The Supreme Court in
National Legal Service Authority v.
Union of India & Others,[4] gave transgenders the right to identify as the third
gender granting them constitutional protection and cementing their right to
self-determination, education, property, employment, dignity, and equal
status.[5] Therefore, there is an urgent requirement for the law to become
cognizant of the legal rights of people of the third gender or transgendered
individuals.
The legal developments post
Navtej Singh Johar v. Union of
India,[6] and the right to live in relationships being accorded to
non-heterosexual couples and the succession rights that emanate from such a
cohabitate relationship demand that the order of intestate succession widen its
ambit to include non-heterosexual relationships and put them at par with
heterosexual relationships.
Additionally, the ISA has no limit on the
testamentary disposition of property allowing for women to be completely written
out of the wills of parental figures as is customary in our patriarchal society
wherein the continuation of the family name through the male heir bequeaths them
with the entirety of the family property.

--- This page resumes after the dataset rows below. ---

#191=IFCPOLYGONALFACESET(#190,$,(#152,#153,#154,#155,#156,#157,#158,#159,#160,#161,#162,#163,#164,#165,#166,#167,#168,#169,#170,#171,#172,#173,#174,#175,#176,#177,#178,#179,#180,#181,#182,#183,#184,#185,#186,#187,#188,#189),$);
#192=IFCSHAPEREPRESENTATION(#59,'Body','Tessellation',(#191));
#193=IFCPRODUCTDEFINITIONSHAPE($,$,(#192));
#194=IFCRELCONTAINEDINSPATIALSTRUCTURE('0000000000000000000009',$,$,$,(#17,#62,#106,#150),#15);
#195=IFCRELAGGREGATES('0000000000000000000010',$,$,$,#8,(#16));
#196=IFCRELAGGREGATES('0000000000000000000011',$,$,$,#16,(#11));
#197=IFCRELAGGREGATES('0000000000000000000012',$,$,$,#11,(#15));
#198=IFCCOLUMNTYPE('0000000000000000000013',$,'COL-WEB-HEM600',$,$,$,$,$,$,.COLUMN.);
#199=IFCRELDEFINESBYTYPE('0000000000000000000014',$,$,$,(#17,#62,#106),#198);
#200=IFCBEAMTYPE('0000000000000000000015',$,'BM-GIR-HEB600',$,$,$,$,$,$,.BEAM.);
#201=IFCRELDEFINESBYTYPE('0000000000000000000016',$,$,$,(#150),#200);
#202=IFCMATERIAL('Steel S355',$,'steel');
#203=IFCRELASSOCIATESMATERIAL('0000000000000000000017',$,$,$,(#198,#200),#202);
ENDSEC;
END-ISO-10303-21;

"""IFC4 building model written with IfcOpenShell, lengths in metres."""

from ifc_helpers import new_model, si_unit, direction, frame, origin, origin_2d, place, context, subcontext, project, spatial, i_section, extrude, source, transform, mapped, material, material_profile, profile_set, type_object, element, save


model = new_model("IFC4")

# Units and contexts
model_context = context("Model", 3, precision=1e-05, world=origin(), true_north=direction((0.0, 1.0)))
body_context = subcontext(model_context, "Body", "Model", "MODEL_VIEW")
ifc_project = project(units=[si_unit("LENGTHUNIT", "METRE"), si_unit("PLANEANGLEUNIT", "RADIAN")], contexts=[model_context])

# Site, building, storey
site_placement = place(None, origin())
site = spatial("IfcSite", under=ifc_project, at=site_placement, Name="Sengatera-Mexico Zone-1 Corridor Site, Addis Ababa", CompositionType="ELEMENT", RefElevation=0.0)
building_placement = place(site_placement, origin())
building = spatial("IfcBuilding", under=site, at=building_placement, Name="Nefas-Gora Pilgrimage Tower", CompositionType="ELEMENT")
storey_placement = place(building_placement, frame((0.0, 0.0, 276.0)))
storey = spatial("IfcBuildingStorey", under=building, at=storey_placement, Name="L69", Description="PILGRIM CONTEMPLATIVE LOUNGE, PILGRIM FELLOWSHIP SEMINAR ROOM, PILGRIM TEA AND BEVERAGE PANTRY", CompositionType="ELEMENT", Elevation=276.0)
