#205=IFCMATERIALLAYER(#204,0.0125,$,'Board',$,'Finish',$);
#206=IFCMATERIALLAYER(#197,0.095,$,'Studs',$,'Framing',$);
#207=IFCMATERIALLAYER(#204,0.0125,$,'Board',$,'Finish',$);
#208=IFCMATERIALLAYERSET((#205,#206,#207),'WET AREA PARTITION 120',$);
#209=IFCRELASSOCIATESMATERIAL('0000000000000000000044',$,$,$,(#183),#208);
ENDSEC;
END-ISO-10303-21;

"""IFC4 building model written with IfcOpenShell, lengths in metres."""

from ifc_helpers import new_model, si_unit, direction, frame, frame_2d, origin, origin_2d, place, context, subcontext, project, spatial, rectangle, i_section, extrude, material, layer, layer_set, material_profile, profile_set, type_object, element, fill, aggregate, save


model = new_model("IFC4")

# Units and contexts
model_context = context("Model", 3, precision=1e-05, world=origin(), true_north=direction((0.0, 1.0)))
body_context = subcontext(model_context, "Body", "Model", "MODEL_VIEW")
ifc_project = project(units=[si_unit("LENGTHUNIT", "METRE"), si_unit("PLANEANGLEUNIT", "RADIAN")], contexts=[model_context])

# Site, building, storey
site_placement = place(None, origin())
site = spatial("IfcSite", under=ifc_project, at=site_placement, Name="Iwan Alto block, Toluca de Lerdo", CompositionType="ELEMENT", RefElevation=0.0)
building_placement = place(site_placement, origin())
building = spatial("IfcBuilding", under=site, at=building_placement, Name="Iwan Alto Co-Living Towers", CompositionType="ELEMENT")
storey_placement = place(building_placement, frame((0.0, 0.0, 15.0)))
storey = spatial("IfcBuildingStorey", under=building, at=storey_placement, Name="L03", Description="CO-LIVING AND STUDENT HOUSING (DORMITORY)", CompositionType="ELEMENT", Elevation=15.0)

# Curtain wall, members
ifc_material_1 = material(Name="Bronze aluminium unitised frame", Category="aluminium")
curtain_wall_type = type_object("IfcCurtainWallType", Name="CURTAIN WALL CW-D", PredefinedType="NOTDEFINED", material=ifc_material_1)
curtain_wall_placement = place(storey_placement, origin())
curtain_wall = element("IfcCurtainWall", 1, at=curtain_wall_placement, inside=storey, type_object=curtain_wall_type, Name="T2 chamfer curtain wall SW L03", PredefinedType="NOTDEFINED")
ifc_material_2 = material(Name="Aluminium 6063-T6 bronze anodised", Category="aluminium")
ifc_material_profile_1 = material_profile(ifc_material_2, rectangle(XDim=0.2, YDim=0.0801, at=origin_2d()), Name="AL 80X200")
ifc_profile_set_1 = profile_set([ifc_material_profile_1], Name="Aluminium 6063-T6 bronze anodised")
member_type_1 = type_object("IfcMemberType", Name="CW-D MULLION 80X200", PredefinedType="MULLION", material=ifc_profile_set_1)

This will also allow for gay, lesbian,
transgender, non-binary, and intersex individuals to be written out of wills and
the entire property being transferred to the male heir or heteronormatively
compliant heir.
The following amendments to the act will help to remove the discriminatory
infirmities from the ISA:
- Section 33 of the ISA be amended to limit the category of kindred kin of
the deceased male and the position of the surviving widow be elevated to be
at par with the position of a surviving husband. Furthermore, the special
provision under Section 33A should be made applicable to Christian widows as
well. Additionally, as was suggested in the 110th Law Commission report, the
amount should be increased to Rs 35,000/-, and the rate of interest be increased from
4% to 9% on account of the rising inflation rate and the depreciating value of
the rupee.[7]
- As was highlighted in the 247th Law Commission Report, the status of the
mother and father of the deceased male intestate should be brought at par
with each other under Section 42 and 43 of the ISA which would have the
effect of both parents inheriting their shares equally at the same time as
opposed to just the father, in the absence of lineal descendants.[8]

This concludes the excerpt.